大公邸の庭園に、カラスの鳴き声すら聞こえそうな静寂が落ちた。
「お腹を空かせた……クレーマー……?」
オルフェウス様が、毒気を完全に抜かれたような顔でポカンと口を開けている。
「はい。文章の端々から、プライドは高いけれど、ものすごくお腹が鳴っている哀愁が漂ってきますわ。……こんな頭に血の上った空腹の相手に、軍隊を向けて武力で制圧しようとすれば、かえって火に油を注いで『クレーマーの意地』を刺激するだけですのよ」
私は、羊皮紙を綺麗に折りたたみながら、一流ホテルのコンシェルジュのような、完璧な『営業スマイル』を浮かべた。
「クレーム対応の基本は、相手の『本当の要求』を正確に満たしてあげることです。今回の要求は、暴力でも領地でもなく、ただ『美味い酒とツマミ』。……ならば、お安い御用ではありませんか」
「ア、アマネ……。君は、この得体の知れないヤカラを、もてなすつもりか?」
「もてなすのではありませんわ。『処理(接待)』するのです」
私は【善行ポイント通販】のウィンドウを脳内でチラリと確認した。
ポイントの残高は十分にある。地球の『極上のジャンクなおつまみ』と『キンキンに冷えたアルコール』。これらを使えば、どんなに柄の悪いオジサンだろうと、一撃で胃袋を掌握して黙らせることができる。
「オルフェウス様。

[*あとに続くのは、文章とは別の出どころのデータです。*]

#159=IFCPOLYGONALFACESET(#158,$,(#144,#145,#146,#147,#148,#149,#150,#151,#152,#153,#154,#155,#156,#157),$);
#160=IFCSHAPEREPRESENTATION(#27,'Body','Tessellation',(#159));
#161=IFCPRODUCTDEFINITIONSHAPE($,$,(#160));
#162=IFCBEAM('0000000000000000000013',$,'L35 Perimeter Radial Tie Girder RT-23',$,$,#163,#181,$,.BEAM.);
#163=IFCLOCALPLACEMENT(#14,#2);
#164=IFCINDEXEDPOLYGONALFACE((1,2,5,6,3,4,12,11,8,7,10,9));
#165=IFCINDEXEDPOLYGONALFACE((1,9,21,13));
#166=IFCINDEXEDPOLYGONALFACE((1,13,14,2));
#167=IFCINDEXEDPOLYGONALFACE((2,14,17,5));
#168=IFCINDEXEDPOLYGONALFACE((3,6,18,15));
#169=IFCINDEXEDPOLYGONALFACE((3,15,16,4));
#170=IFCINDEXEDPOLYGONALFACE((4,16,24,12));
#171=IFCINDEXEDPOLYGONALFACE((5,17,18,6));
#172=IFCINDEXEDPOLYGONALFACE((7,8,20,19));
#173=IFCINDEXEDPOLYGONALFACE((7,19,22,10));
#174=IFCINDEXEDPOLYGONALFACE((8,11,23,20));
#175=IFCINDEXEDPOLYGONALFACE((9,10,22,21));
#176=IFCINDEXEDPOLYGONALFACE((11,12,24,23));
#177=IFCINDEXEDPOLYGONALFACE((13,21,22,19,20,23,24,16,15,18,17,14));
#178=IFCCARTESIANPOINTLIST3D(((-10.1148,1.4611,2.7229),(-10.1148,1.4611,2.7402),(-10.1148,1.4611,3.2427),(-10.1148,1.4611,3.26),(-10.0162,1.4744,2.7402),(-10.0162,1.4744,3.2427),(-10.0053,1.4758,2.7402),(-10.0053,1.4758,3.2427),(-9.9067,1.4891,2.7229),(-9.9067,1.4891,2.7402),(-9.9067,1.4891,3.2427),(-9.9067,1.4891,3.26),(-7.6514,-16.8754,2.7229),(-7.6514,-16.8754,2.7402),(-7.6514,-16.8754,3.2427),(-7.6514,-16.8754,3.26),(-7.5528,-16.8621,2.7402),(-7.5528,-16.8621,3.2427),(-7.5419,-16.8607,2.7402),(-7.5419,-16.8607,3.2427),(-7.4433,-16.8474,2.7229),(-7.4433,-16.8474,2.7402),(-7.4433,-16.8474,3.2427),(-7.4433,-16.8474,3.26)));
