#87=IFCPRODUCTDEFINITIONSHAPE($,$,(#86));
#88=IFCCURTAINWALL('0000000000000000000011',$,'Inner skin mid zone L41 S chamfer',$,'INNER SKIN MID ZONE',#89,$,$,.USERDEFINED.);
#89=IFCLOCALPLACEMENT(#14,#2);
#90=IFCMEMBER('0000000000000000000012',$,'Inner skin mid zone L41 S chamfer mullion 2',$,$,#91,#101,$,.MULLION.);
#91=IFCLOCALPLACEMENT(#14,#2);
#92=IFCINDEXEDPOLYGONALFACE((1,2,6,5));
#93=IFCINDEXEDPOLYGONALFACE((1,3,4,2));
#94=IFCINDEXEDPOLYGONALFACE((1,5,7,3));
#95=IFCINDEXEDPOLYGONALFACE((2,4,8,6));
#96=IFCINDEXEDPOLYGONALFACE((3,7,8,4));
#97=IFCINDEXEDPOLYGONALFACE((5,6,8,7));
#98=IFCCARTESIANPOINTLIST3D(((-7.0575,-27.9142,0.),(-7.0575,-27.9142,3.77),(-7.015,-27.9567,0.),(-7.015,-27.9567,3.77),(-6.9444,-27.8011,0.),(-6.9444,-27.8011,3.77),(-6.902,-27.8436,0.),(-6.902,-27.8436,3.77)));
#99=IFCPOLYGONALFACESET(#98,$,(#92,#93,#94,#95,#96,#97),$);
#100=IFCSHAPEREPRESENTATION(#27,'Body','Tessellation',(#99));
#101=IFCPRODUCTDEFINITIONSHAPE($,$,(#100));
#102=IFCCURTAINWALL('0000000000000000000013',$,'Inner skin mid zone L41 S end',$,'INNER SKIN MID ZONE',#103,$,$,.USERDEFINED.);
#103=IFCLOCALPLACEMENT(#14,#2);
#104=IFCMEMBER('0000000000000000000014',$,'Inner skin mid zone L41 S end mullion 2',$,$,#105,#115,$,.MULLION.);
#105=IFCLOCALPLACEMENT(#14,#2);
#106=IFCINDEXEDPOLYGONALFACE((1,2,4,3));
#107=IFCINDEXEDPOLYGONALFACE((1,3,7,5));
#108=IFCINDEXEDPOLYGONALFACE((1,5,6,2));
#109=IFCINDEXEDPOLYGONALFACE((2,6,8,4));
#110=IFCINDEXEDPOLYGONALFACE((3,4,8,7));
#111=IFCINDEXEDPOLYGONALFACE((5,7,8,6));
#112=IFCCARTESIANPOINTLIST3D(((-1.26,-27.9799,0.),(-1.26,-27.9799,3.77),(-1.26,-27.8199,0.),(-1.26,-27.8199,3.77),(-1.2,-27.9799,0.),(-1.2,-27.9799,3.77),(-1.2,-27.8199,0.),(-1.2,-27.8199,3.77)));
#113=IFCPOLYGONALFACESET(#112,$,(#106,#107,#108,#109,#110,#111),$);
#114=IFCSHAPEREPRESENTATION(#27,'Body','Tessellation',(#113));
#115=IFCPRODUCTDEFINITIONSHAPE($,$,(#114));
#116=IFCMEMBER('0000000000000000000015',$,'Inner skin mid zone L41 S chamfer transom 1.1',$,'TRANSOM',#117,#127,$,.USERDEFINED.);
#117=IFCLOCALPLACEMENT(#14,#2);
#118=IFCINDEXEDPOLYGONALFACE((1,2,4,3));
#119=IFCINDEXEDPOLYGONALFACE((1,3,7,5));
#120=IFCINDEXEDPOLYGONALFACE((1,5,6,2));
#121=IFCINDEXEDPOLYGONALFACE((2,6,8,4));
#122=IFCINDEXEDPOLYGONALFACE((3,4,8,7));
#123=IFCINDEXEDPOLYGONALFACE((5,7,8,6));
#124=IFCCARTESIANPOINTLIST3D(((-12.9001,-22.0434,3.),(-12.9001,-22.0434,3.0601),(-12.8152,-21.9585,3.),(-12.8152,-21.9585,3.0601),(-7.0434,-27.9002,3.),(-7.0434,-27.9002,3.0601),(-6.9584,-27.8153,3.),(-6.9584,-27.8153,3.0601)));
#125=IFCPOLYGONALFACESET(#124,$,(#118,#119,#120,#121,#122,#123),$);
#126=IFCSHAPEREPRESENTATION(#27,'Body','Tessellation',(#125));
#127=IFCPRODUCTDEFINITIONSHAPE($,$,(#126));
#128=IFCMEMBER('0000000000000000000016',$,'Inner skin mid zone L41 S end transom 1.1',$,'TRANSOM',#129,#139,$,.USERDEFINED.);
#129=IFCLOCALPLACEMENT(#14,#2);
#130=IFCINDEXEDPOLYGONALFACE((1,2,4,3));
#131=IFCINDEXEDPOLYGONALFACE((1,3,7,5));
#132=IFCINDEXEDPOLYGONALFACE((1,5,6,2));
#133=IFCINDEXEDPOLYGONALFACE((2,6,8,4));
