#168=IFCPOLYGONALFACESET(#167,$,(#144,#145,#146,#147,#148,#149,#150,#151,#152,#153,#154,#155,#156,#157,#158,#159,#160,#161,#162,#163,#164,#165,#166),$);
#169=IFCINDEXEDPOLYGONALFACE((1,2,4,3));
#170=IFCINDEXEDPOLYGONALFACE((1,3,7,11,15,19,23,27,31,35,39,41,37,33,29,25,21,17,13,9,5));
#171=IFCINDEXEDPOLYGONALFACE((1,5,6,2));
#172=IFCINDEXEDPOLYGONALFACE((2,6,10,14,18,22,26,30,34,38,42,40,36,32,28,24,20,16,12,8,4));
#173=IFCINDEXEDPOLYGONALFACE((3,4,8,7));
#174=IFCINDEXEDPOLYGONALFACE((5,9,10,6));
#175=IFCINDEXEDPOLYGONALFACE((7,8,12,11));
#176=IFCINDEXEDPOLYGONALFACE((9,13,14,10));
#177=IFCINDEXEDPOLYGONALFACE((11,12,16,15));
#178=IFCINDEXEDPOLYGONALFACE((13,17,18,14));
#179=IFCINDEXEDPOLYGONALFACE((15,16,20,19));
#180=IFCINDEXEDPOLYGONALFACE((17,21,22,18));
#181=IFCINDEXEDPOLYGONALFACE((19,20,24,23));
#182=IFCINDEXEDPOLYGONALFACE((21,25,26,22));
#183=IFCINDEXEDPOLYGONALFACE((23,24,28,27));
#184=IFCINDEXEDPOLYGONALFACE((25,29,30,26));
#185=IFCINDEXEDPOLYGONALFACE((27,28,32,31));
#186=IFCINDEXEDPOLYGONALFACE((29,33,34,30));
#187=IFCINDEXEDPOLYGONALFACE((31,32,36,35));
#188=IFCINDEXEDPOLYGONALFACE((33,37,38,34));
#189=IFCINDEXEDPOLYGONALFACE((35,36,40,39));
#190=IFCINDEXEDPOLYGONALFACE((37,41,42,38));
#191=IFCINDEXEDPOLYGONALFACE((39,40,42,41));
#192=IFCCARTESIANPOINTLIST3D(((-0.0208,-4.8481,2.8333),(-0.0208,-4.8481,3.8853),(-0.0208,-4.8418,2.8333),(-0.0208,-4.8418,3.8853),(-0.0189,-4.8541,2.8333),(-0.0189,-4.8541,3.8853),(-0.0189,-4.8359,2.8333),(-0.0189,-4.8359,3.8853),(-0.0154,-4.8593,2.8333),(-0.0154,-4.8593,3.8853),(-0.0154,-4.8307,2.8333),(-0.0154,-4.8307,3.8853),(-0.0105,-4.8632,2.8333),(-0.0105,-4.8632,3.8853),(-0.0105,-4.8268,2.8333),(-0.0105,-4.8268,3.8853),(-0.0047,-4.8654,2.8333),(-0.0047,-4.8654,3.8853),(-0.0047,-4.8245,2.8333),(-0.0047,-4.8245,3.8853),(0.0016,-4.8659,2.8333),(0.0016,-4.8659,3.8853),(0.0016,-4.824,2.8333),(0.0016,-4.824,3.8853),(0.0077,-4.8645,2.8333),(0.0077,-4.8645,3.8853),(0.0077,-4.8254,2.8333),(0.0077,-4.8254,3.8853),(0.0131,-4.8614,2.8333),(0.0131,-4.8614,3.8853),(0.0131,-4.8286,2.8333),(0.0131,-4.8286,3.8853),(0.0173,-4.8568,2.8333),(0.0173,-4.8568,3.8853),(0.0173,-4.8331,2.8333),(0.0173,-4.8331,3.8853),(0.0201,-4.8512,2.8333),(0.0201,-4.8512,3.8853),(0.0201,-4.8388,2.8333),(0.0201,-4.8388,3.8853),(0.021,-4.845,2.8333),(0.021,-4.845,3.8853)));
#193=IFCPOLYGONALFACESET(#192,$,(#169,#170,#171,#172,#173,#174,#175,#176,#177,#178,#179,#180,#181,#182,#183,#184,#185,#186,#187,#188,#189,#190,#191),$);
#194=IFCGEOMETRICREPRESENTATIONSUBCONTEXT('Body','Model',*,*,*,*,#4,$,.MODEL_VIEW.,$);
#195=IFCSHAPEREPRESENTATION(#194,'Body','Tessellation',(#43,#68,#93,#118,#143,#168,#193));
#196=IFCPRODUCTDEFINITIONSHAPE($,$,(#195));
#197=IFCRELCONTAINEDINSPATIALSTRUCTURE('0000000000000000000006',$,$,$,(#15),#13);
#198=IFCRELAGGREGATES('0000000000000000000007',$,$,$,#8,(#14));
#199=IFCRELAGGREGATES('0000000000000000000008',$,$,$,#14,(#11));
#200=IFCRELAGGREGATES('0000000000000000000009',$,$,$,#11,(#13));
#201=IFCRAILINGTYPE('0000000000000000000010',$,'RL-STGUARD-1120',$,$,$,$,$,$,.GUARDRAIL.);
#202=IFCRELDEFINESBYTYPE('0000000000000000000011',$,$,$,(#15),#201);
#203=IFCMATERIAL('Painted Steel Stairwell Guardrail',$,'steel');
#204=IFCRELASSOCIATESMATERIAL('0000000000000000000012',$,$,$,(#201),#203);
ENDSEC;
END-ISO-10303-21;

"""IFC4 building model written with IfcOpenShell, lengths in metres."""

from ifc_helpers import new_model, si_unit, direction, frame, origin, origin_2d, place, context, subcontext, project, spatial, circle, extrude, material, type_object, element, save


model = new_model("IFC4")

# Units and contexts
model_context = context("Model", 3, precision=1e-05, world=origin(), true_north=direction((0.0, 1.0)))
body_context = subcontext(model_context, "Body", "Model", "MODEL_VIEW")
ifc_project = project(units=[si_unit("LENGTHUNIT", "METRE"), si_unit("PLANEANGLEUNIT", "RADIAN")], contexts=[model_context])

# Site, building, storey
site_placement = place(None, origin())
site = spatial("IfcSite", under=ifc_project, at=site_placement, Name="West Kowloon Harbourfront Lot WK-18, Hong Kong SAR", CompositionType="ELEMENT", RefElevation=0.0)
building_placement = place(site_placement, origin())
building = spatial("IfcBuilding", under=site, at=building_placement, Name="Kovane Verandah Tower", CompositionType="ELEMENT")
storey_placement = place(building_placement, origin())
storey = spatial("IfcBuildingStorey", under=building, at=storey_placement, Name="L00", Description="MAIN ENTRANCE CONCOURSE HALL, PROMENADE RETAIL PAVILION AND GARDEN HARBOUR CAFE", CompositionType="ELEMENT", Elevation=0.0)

軍隊の出動はキャンセルしてくださいませ。明日の夜は、大公邸の庭を広く空けて、バーベキューの準備をお願いいたしますわね」
「バーベキュー……? アマネ、君は一体何を……」
「クレーマーには、直接こちらから『最高のおもてなし』を叩きつけて、二度と文句が言えないようにして差し上げるのが、限界OLの流儀ですの」
私は、黒い矢をゴミ箱にポイッと捨てながら、自信満々に胸を張った。
天魔窟から送られてきた、ヤクザな邪神からの宣戦布告。
しかしそれは、戦闘力1馬力の限界OLにとって、ただの『少し柄の悪い取引先への接待ミッション』へと変換されてしまったのである。
明日の夜。大公邸に現れるであろう『極道神』を待ち受けているのは、血の雨などではなく、地球の悪魔的な『おつまみと酒』の暴力であることなど、今はまだ誰も知る由もなかった。